Formally: if X1, X2, …, Xn are independent and identically distributed (i.i.d.) with mean μ and standard deviation σ, then:
X̄ ≈ N(μ, σ²/n) for large n.
The rule of thumb n ≥ 30 works well for most distributions. Highly skewed or heavy-tailed distributions may require larger n. If the population is already normal, the CLT holds exactly for all n ≥ 1.

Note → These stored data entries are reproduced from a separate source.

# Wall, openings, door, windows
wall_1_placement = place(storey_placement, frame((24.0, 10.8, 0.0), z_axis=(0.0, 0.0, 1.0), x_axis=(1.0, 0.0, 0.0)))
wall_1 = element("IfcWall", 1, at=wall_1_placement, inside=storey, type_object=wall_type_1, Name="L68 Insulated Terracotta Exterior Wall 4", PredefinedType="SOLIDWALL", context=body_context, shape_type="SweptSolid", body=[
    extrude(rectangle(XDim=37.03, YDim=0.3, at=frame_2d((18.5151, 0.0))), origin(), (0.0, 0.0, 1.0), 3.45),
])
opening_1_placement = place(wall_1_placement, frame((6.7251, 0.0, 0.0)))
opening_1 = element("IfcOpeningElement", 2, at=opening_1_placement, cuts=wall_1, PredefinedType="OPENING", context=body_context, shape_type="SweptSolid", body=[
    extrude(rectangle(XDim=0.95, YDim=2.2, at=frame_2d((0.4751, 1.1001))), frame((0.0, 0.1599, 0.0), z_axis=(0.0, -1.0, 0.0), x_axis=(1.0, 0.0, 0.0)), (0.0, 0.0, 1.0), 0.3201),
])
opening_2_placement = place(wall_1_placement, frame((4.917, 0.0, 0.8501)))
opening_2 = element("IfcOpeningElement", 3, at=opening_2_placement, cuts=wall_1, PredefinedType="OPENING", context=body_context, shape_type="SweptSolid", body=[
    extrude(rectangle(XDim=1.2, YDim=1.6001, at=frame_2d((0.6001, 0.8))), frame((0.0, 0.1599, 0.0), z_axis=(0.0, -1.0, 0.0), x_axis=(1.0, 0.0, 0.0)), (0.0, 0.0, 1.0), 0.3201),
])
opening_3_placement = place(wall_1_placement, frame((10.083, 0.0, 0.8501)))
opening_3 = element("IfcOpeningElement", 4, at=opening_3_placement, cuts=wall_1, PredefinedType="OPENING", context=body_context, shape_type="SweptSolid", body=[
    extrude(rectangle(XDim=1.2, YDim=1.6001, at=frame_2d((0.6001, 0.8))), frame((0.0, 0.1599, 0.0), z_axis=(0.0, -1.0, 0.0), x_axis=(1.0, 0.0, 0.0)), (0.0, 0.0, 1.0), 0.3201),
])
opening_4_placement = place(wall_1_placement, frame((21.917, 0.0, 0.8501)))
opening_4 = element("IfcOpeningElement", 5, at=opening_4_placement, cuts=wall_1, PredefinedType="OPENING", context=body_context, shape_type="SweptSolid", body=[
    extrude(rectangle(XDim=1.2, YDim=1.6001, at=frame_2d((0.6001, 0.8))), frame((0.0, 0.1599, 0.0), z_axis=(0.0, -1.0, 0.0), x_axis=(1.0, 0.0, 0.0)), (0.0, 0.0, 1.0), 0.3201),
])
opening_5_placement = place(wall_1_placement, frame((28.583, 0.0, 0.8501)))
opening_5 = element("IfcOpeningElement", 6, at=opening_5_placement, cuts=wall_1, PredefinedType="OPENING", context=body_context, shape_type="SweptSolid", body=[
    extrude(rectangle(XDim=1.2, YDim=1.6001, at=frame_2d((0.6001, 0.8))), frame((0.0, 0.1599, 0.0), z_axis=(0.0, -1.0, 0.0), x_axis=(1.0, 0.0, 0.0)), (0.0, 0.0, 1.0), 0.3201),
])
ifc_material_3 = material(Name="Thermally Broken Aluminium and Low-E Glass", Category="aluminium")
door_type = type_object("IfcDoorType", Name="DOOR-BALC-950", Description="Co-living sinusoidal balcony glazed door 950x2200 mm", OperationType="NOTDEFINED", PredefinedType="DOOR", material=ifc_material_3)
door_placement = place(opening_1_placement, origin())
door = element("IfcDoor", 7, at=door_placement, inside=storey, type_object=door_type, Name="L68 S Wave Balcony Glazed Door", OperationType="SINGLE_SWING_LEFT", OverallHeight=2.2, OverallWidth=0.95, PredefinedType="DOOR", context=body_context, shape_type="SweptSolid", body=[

Standardising the Sample Mean
Once we know X̄ is (approximately) normal, we standardise to use the Z-table. The standardisation formula for X̄ is:
Z = (X̄ − μ) / (σ/√n)
This Z has the standard normal distribution N(0, 1). Notice that σ/√n (the standard error) plays the role that σ plays when standardising individual observations. Do not confuse these two situations.
Effect of Sample Size
As n increases: the standard error σ/√n decreases (proportional to 1/√n), so the sampling distribution becomes more tightly concentrated around μ. Doubling n reduces the standard error by a factor of √2 ≈ 1.41. Quadrupling n halves the standard error. This is why larger samples give more reliable estimates.
Mastery Practice
-
State the distribution of X̄. Fluency
A population has μ = 50 and σ = 8. Random samples of size n = 16 are taken. State the distribution of X̄, giving its mean and variance.
-
Probability for sample mean. Fluency
Heights are normally distributed with μ = 170 cm and σ = 10 cm. For random samples of size n = 25, find P(X̄ > 172).
-
Probability below the mean. Fluency
A machine fills cans with mean μ = 500 mL and standard deviation σ = 5 mL (normally distributed). Find P(X̄ < 498) for samples of size n = 25.
-
Probability within a range. Fluency
A population has μ = 100 and σ = 15. Find the probability that a sample mean of size n = 36 lies within 3 of 100, i.e. P(97 ≤ X̄ ≤ 103).
-
Two-sided probability. Understanding
The time to complete a task has μ = 20 min and σ = 4 min. For random samples of size n = 64, find P(19 ≤ X̄ ≤ 21).
-
Applying the CLT to a non-normal distribution. Understanding
A non-normal distribution has μ = 30 and σ = 6. For samples of size n = 50, use the CLT to find P(X̄ > 31).
-
Find the unknown mean. Understanding
If P(X̄ < 52) = 0.9332 for samples of size n = 16 from a normal distribution with σ² = 25, find μ.
-
Effect of sample size. Understanding
A population has μ = 40 and σ = 10. Compare the distributions of X̄ for samples of size n = 10, n = 30, and n = 100. For each, state the mean and standard error of X̄. Describe what happens to the variability as n increases.
-
Skewed population and the CLT. Problem Solving
A survey finds household incomes are right-skewed with mean $75 000 and standard deviation $30 000. Random samples of size n = 100 are taken.
(a) Explain why X̄ is approximately normally distributed.
(b) Find P(X̄ > $78 000).
-
Required sample size. Problem Solving
Quality control: packets must have mean weight 500 g. A machine has output with σ = 8 g. What is the minimum sample size n needed so that P(|X̄ − 500| > 2) < 0.05?